Это уже представляло большое дело, тем более сложное, что иностранные калибры, рассчитанные по метрической системе, не совпадали с русскими, исчислявшимися в дюймах и линиях. Подобное затруднение доставило мне много хлопот.

Выяснение наших потребностей, как это ни странно, в течение всей войны представляло одну из самых больших трудностей. Много потратил я времени, пока сам не понял, что причина этого замалчивания лежала не только в бюрократизме и медленных темпах работы наших главных управлений, но зависела от сложной структуры их взаимоотношений с заграничной промышленностью. Всякий намек на государственную монополизацию военных заказов за границей, объяснявшуюся требованиями войны, нарушал искони установленную в царской России систему работы через петербургских представителей иностранных фирм и посредников. Эти господа были — увы! — любезны сердцу многих высоких чиновников.

Преступное отношение русского тыла к потребностям русских армий вскрылось для меня уже на тех совещаниях, которые при содействии генерала Бакэ удалось собрать в Париже; это были представители французской артиллерии и частной металлургической и химической промышленности, некоторые из них работали до войны в России, главным образом в Донецком бассейне.

— Мы удивляемся,— говорили участники совещания,— что вы обращаетесь к нам за содействием. Одни ваши петроградские заводы по своей мощности намного превосходят весь парижский район. Если бы вы приняли хоть какие-нибудь меры по использованию [510] ваших промышленных ресурсов, вы бы нас оставили далеко позади себя.

По соглашению с Бакэ было решено, что в Россию будет поспешно командирована небольшая комиссия, составленная из лучших мобилизованных техников под начальством майора Пио, с целью ознакомить наше главное артиллерийское управление с принятыми во Франции методами ускоренного производства снарядов. Вопреки освященным временем обычаям, техническая помощь передавалась без расхода для русской казны и без заинтересованности частных французских фирм.

Результат получился плачевный. По приезде в Петроград французам вместо гостиницы отвели помещение в наиболее отдаленных от центра Гренадерских казармах, а начальник главного артиллерийского управления великий князь Сергей Михайлович наотрез отказал им в приеме.
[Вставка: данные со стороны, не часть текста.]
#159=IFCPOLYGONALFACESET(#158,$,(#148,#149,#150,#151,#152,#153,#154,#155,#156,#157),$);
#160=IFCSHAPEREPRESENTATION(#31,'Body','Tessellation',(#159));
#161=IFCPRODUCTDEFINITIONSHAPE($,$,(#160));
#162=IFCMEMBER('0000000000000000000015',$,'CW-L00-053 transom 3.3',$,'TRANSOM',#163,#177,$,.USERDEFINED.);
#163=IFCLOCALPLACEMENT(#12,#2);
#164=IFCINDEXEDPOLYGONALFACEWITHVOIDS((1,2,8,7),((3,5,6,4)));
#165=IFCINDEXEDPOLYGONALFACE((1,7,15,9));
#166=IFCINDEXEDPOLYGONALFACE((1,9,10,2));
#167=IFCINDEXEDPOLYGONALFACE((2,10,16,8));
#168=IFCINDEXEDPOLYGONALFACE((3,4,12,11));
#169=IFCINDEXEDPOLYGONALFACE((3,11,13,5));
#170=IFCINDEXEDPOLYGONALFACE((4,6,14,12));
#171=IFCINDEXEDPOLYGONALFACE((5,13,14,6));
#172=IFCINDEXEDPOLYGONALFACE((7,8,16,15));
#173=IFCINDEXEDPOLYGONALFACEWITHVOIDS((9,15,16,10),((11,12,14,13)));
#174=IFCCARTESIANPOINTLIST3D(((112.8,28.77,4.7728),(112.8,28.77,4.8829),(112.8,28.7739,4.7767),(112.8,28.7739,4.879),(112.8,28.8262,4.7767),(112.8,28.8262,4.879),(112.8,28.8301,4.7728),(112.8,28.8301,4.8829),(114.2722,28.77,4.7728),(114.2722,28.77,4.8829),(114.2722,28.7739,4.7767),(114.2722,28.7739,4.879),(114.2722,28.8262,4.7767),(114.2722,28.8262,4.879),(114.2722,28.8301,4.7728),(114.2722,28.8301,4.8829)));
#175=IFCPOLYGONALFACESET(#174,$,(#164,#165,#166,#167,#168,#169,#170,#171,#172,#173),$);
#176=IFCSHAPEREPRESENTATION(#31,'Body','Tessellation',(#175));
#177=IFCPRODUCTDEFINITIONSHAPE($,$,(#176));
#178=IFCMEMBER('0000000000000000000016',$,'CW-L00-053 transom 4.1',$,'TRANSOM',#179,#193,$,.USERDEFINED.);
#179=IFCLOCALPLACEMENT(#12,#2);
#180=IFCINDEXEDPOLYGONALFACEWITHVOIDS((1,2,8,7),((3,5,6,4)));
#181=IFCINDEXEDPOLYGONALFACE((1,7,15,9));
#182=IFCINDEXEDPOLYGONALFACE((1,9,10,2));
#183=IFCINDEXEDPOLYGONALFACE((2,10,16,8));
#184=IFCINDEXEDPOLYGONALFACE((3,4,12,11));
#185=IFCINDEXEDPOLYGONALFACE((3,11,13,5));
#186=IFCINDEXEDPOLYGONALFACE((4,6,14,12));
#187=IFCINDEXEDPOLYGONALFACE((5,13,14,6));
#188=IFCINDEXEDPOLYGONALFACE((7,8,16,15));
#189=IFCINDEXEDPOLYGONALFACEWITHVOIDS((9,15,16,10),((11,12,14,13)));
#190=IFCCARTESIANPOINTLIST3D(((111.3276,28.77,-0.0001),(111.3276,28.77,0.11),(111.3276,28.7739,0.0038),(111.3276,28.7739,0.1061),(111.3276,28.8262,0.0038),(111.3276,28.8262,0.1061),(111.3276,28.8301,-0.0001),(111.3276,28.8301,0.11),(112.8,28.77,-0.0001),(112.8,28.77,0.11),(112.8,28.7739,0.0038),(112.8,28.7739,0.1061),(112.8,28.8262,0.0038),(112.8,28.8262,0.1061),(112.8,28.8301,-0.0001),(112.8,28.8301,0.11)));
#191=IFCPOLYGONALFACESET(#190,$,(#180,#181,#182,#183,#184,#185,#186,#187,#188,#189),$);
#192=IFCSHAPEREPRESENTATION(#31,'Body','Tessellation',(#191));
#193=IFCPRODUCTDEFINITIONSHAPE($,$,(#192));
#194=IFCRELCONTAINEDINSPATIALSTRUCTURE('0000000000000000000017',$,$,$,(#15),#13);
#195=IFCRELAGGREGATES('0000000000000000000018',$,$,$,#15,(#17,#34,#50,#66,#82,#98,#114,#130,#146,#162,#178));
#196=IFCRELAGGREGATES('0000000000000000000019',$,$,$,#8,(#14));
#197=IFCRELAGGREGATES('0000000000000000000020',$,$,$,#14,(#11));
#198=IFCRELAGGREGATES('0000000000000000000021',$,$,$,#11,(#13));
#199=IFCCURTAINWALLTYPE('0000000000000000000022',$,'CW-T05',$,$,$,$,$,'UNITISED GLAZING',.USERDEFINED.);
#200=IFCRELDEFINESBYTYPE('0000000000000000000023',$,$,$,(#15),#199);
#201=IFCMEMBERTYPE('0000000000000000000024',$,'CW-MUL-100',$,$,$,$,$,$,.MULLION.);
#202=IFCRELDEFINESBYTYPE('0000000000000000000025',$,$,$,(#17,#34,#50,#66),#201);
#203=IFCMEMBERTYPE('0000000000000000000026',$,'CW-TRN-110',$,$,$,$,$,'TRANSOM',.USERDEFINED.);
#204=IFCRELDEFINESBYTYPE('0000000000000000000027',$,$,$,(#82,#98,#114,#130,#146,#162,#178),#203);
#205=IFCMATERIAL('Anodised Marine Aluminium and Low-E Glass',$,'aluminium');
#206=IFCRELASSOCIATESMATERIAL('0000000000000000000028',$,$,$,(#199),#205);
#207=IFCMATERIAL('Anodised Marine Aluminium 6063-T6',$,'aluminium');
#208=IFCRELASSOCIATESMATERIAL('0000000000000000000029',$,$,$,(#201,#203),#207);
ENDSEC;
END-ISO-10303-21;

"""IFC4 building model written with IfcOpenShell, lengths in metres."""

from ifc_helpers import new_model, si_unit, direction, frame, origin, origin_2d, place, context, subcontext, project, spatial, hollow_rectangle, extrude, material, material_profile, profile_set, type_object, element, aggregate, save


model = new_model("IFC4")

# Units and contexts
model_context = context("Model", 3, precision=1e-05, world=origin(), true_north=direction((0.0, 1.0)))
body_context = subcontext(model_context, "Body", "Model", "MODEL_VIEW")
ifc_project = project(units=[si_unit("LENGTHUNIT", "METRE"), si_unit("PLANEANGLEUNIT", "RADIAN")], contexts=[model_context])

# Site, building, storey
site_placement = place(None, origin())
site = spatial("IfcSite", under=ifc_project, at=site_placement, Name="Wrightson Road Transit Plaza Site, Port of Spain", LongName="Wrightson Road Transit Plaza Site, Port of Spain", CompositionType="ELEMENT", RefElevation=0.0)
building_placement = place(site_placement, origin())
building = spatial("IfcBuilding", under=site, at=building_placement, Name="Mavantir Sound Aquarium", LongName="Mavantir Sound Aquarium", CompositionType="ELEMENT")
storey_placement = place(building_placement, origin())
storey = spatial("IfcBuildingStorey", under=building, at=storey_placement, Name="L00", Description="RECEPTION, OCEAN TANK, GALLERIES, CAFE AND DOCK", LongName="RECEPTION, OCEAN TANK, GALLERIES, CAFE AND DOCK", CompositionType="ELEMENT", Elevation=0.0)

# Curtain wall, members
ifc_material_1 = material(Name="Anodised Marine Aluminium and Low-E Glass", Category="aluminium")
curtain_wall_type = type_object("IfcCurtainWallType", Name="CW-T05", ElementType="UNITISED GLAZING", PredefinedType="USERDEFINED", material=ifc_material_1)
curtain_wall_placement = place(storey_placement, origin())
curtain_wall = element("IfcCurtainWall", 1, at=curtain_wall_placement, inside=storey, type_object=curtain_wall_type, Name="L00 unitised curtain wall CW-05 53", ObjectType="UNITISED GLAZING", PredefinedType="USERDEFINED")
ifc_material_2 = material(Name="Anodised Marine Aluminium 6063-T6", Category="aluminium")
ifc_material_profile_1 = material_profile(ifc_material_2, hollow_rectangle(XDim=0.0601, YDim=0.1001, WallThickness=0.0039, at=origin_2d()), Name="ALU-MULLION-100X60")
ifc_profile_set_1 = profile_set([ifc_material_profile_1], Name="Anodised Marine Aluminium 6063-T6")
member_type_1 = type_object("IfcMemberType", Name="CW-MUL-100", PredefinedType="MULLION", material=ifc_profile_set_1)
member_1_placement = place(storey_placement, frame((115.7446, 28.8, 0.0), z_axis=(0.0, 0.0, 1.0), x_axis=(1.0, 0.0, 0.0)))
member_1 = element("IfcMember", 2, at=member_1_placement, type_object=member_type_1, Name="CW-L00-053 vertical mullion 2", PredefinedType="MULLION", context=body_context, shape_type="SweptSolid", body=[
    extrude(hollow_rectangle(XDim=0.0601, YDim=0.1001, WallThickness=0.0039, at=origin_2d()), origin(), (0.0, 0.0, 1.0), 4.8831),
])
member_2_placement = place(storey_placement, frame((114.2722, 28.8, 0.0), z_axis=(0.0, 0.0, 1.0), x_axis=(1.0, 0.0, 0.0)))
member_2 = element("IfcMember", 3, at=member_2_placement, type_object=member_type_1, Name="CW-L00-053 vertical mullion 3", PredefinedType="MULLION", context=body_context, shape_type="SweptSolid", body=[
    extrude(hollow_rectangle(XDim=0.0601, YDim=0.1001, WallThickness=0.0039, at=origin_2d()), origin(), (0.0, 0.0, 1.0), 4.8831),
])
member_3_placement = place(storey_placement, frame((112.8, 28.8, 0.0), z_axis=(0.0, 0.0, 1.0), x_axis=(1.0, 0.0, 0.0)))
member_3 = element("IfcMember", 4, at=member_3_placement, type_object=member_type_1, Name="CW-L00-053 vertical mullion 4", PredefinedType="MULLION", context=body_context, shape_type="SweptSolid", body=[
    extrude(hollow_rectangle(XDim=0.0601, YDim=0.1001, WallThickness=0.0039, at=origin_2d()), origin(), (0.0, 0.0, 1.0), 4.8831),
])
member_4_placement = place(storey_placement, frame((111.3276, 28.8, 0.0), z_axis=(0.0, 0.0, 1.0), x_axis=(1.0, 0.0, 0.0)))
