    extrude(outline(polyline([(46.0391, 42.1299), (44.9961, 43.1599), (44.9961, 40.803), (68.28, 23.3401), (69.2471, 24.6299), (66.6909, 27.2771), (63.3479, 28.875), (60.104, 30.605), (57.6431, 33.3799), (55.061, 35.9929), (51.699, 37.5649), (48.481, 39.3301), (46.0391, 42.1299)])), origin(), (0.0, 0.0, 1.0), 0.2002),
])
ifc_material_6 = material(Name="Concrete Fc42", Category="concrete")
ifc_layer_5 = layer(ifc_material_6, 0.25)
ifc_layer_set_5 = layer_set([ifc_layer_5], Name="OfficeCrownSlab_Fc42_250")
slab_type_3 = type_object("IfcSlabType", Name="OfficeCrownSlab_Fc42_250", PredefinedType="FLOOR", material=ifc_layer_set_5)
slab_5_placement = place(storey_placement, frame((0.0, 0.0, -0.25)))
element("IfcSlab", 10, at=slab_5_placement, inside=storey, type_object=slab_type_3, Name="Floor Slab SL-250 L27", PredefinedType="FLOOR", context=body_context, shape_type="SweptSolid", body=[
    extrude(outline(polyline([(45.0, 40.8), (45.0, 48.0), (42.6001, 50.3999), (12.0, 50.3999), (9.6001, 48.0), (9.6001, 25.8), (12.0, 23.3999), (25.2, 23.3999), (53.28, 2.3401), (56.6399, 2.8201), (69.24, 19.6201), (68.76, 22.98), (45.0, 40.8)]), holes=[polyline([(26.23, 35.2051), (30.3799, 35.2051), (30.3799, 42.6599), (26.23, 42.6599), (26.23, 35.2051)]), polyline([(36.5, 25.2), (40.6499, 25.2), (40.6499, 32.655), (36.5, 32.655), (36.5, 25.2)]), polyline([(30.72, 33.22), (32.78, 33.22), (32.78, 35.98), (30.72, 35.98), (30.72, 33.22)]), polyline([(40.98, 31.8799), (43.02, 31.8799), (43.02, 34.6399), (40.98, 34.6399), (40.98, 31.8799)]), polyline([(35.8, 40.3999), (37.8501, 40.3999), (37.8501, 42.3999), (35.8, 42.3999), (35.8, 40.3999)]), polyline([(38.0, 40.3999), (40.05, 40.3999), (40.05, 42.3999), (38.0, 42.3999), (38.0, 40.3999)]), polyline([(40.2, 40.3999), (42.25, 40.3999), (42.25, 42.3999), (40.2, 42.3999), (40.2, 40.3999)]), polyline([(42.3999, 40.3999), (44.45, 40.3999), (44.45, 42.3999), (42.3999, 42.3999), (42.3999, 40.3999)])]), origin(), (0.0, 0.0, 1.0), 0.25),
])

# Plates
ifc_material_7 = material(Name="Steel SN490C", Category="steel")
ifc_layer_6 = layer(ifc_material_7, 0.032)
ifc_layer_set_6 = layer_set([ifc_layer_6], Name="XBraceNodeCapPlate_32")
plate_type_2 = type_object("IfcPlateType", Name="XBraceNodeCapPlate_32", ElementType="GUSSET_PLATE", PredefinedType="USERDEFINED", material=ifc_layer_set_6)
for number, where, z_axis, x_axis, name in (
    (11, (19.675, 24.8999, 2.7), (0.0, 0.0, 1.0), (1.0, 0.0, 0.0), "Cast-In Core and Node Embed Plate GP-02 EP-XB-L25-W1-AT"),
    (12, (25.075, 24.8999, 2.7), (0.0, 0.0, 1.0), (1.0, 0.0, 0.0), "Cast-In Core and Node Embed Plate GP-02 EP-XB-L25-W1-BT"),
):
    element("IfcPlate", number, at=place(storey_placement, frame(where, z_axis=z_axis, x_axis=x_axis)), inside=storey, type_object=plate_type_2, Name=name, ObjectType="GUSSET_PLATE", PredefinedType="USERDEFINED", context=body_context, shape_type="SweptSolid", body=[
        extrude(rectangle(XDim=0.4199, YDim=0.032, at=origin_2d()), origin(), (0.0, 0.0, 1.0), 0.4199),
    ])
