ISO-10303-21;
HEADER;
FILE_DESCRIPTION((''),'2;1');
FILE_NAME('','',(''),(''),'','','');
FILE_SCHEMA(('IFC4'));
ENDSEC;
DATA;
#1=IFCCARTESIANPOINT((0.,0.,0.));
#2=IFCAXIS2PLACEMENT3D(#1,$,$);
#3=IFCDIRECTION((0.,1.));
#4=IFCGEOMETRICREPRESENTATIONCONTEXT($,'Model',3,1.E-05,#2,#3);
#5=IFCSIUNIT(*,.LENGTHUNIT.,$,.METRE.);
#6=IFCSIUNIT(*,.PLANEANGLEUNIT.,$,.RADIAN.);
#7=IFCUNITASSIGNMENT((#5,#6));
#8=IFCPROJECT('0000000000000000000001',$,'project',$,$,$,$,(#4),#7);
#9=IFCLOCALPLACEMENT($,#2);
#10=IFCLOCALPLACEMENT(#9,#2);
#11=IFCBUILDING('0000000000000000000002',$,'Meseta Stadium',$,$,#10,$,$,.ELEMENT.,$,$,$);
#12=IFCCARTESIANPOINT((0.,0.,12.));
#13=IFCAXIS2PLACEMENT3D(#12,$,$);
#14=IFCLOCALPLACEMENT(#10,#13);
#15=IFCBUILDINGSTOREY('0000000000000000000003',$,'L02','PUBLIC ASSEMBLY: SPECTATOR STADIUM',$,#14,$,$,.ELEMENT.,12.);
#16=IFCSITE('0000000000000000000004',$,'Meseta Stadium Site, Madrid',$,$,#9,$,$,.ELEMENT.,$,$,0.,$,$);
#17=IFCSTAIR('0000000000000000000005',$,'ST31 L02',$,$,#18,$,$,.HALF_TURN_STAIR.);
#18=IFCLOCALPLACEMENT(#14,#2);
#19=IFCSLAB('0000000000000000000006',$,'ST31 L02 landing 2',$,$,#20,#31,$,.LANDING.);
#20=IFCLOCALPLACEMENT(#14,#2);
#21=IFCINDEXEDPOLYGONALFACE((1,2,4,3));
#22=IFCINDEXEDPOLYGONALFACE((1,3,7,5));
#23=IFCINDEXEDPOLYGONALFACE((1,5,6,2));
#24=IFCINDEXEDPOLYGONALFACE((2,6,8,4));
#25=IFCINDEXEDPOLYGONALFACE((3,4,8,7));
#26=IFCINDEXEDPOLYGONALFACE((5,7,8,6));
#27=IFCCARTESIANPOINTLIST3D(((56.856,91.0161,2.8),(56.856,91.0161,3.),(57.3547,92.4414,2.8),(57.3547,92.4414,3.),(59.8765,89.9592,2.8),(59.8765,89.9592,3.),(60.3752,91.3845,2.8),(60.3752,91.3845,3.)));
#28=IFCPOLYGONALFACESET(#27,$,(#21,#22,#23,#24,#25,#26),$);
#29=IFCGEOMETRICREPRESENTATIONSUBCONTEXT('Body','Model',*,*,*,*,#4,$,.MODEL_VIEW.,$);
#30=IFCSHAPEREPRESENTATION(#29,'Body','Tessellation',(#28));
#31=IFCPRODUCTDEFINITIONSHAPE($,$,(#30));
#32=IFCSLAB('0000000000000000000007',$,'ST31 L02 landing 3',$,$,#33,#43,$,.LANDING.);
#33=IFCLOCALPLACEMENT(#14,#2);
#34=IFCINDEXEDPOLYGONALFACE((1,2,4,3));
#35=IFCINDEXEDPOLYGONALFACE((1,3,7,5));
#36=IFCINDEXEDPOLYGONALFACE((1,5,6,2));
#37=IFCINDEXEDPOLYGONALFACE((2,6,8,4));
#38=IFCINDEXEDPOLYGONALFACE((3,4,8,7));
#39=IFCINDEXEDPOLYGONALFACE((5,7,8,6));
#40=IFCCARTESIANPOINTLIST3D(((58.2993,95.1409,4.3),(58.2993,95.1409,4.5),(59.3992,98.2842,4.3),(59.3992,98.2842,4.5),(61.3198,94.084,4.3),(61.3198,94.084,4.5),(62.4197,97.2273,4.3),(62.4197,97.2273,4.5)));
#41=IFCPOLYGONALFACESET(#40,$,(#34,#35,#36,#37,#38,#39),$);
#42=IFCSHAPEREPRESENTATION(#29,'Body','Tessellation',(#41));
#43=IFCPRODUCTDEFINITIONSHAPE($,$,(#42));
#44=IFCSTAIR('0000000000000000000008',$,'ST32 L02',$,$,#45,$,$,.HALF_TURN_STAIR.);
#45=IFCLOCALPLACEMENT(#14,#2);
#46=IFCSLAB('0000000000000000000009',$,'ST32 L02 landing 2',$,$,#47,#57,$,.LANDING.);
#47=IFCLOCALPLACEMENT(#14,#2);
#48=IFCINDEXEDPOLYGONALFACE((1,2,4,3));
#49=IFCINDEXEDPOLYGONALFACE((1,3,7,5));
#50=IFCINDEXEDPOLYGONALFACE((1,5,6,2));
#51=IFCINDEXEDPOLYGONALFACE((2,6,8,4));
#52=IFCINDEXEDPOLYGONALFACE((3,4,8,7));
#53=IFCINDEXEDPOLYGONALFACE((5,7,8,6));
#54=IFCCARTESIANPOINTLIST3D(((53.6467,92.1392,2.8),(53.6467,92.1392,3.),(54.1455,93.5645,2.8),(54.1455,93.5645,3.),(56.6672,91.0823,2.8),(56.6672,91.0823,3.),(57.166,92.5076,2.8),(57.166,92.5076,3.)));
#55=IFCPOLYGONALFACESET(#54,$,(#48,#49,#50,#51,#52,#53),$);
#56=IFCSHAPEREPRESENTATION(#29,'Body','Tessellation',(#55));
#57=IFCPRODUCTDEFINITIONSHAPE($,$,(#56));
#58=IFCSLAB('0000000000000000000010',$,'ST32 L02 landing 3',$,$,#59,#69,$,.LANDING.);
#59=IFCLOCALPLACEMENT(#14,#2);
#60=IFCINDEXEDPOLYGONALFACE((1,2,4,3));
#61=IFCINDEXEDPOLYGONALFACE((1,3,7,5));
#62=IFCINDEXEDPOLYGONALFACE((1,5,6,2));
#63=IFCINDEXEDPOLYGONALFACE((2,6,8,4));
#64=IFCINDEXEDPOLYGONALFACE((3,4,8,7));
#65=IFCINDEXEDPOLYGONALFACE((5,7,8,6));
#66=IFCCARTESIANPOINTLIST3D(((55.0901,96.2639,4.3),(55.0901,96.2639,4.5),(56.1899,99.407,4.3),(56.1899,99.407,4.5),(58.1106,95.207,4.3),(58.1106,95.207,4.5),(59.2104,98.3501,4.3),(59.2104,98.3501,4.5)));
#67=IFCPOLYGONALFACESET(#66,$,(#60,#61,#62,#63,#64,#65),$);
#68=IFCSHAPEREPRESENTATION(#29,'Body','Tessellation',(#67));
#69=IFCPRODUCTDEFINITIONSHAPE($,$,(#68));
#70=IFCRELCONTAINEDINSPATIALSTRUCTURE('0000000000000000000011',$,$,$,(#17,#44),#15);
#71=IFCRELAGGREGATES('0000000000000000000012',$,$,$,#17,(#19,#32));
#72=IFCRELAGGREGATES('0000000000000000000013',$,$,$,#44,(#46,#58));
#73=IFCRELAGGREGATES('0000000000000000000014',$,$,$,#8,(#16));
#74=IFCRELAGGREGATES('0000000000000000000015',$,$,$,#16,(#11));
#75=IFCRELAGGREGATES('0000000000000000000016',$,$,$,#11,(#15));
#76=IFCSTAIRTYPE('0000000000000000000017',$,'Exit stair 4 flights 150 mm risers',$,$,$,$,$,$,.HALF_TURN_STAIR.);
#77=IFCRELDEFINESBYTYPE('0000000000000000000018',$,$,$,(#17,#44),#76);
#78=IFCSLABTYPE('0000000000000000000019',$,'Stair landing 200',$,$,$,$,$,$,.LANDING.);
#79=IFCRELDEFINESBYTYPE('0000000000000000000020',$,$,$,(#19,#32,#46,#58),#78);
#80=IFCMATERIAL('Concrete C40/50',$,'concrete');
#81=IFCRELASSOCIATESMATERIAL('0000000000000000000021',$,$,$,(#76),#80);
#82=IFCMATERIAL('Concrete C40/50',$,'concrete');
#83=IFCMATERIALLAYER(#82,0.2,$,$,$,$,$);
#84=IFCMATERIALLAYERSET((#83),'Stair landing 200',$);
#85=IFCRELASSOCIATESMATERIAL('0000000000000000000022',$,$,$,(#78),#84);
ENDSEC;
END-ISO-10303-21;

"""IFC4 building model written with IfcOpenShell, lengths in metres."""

from ifc_helpers import new_model, si_unit, direction, frame, origin, place, context, subcontext, project, spatial, polyline, outline, extrude, material, layer, layer_set, type_object, element, aggregate, save


model = new_model("IFC4")

# Units and contexts
model_context = context("Model", 3, precision=1e-05, world=origin(), true_north=direction((0.0, 1.0)))
body_context = subcontext(model_context, "Body", "Model", "MODEL_VIEW")
ifc_project = project(units=[si_unit("LENGTHUNIT", "METRE"), si_unit("PLANEANGLEUNIT", "RADIAN")], contexts=[model_context])

# Site, building, storey
site_placement = place(None, origin())
site = spatial("IfcSite", under=ifc_project, at=site_placement, Name="Meseta Stadium Site, Madrid", CompositionType="ELEMENT", RefElevation=0.0)
building_placement = place(site_placement, origin())
building = spatial("IfcBuilding", under=site, at=building_placement, Name="Meseta Stadium", CompositionType="ELEMENT")
storey_placement = place(building_placement, frame((0.0, 0.0, 12.0)))
storey = spatial("IfcBuildingStorey", under=building, at=storey_placement, Name="L02", Description="PUBLIC ASSEMBLY: SPECTATOR STADIUM", CompositionType="ELEMENT", Elevation=12.0)

# Shared definitions
ifc_material_1 = material(Name="Concrete C40/50", Category="concrete")
stair_type = type_object("IfcStairType", Name="Exit stair 4 flights 150 mm risers", PredefinedType="HALF_TURN_STAIR", material=ifc_material_1)
ifc_material_2 = material(Name="Concrete C40/50", Category="concrete")
ifc_layer = layer(ifc_material_2, 0.2)
ifc_layer_set = layer_set([ifc_layer], Name="Stair landing 200")
slab_type = type_object("IfcSlabType", Name="Stair landing 200", PredefinedType="LANDING", material=ifc_layer_set)

# Stairs, slabs
stair_1_placement = place(storey_placement, origin())
stair_1 = element("IfcStair", 1, at=stair_1_placement, inside=storey, type_object=stair_type, Name="ST31 L02", PredefinedType="HALF_TURN_STAIR")
slab_1_placement = place(storey_placement, frame((0.0, 0.0, 2.8)))
slab_1 = element("IfcSlab", 2, at=slab_1_placement, type_object=slab_type, Name="ST31 L02 landing 2", PredefinedType="LANDING", context=body_context, shape_type="SweptSolid", body=[
    extrude(outline(polyline([(59.8765, 89.9592), (60.3752, 91.3845), (57.3547, 92.4414), (56.856, 91.0161), (59.8765, 89.9592)])), origin(), (0.0, 0.0, 1.0), 0.2),
])
slab_2_placement = place(storey_placement, frame((0.0, 0.0, 4.3)))
slab_2 = element("IfcSlab", 3, at=slab_2_placement, type_object=slab_type, Name="ST31 L02 landing 3", PredefinedType="LANDING", context=body_context, shape_type="SweptSolid", body=[
    extrude(outline(polyline([(61.3198, 94.084), (62.4197, 97.2273), (59.3992, 98.2842), (58.2993, 95.1409), (61.3198, 94.084)])), origin(), (0.0, 0.0, 1.0), 0.2),
])
aggregate(stair_1, [slab_1, slab_2])
stair_2_placement = place(storey_placement, origin())
stair_2 = element("IfcStair", 4, at=stair_2_placement, inside=storey, type_object=stair_type, Name="ST32 L02", PredefinedType="HALF_TURN_STAIR")
slab_3_placement = place(storey_placement, frame((0.0, 0.0, 2.8)))
slab_3 = element("IfcSlab", 5, at=slab_3_placement, type_object=slab_type, Name="ST32 L02 landing 2", PredefinedType="LANDING", context=body_context, shape_type="SweptSolid", body=[
    extrude(outline(polyline([(56.6672, 91.0823), (57.166, 92.5076), (54.1455, 93.5645), (53.6467, 92.1392), (56.6672, 91.0823)])), origin(), (0.0, 0.0, 1.0), 0.2),
])
slab_4_placement = place(storey_placement, frame((0.0, 0.0, 4.3)))
slab_4 = element("IfcSlab", 6, at=slab_4_placement, type_object=slab_type, Name="ST32 L02 landing 3", PredefinedType="LANDING", context=body_context, shape_type="SweptSolid", body=[
    extrude(outline(polyline([(58.1106, 95.207), (59.2104, 98.3501), (56.1899, 99.407), (55.0901, 96.2639), (58.1106, 95.207)])), origin(), (0.0, 0.0, 1.0), 0.2),
])
aggregate(stair_2, [slab_3, slab_4])

save(model, "model.ifc")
Через некоторое время, чтобы отвязаться от непрошенных советчиков, их отдали в распоряжение отставного генерала Ванкова. Этой личности, оставшейся для меня загадочной, удалось создать трест из московских купцов и промышленников — они были допущены к работе на оборону только под нажимом на царских чиновников военной комиссии Государственной думы.

Первоначальный мой проект — привлечь на совещание все крупные французские фирмы — был сорван монополистом военной промышленности — Шнейдером-Крезо, соперником немецкого Крупна и английского Виккерса. Эта фирма считала себя «государством в государстве» и имела свои особые, весьма таинственные, но прочные связи в петербургских высших сферах. Ей казалось ниже своего достоинства сесть за один стол с другими, более слабыми собратьями. Пришлось познакомиться с ее директорами на специальном совещании, собранном в роскошном управлении фирмы на рю д'Анжу.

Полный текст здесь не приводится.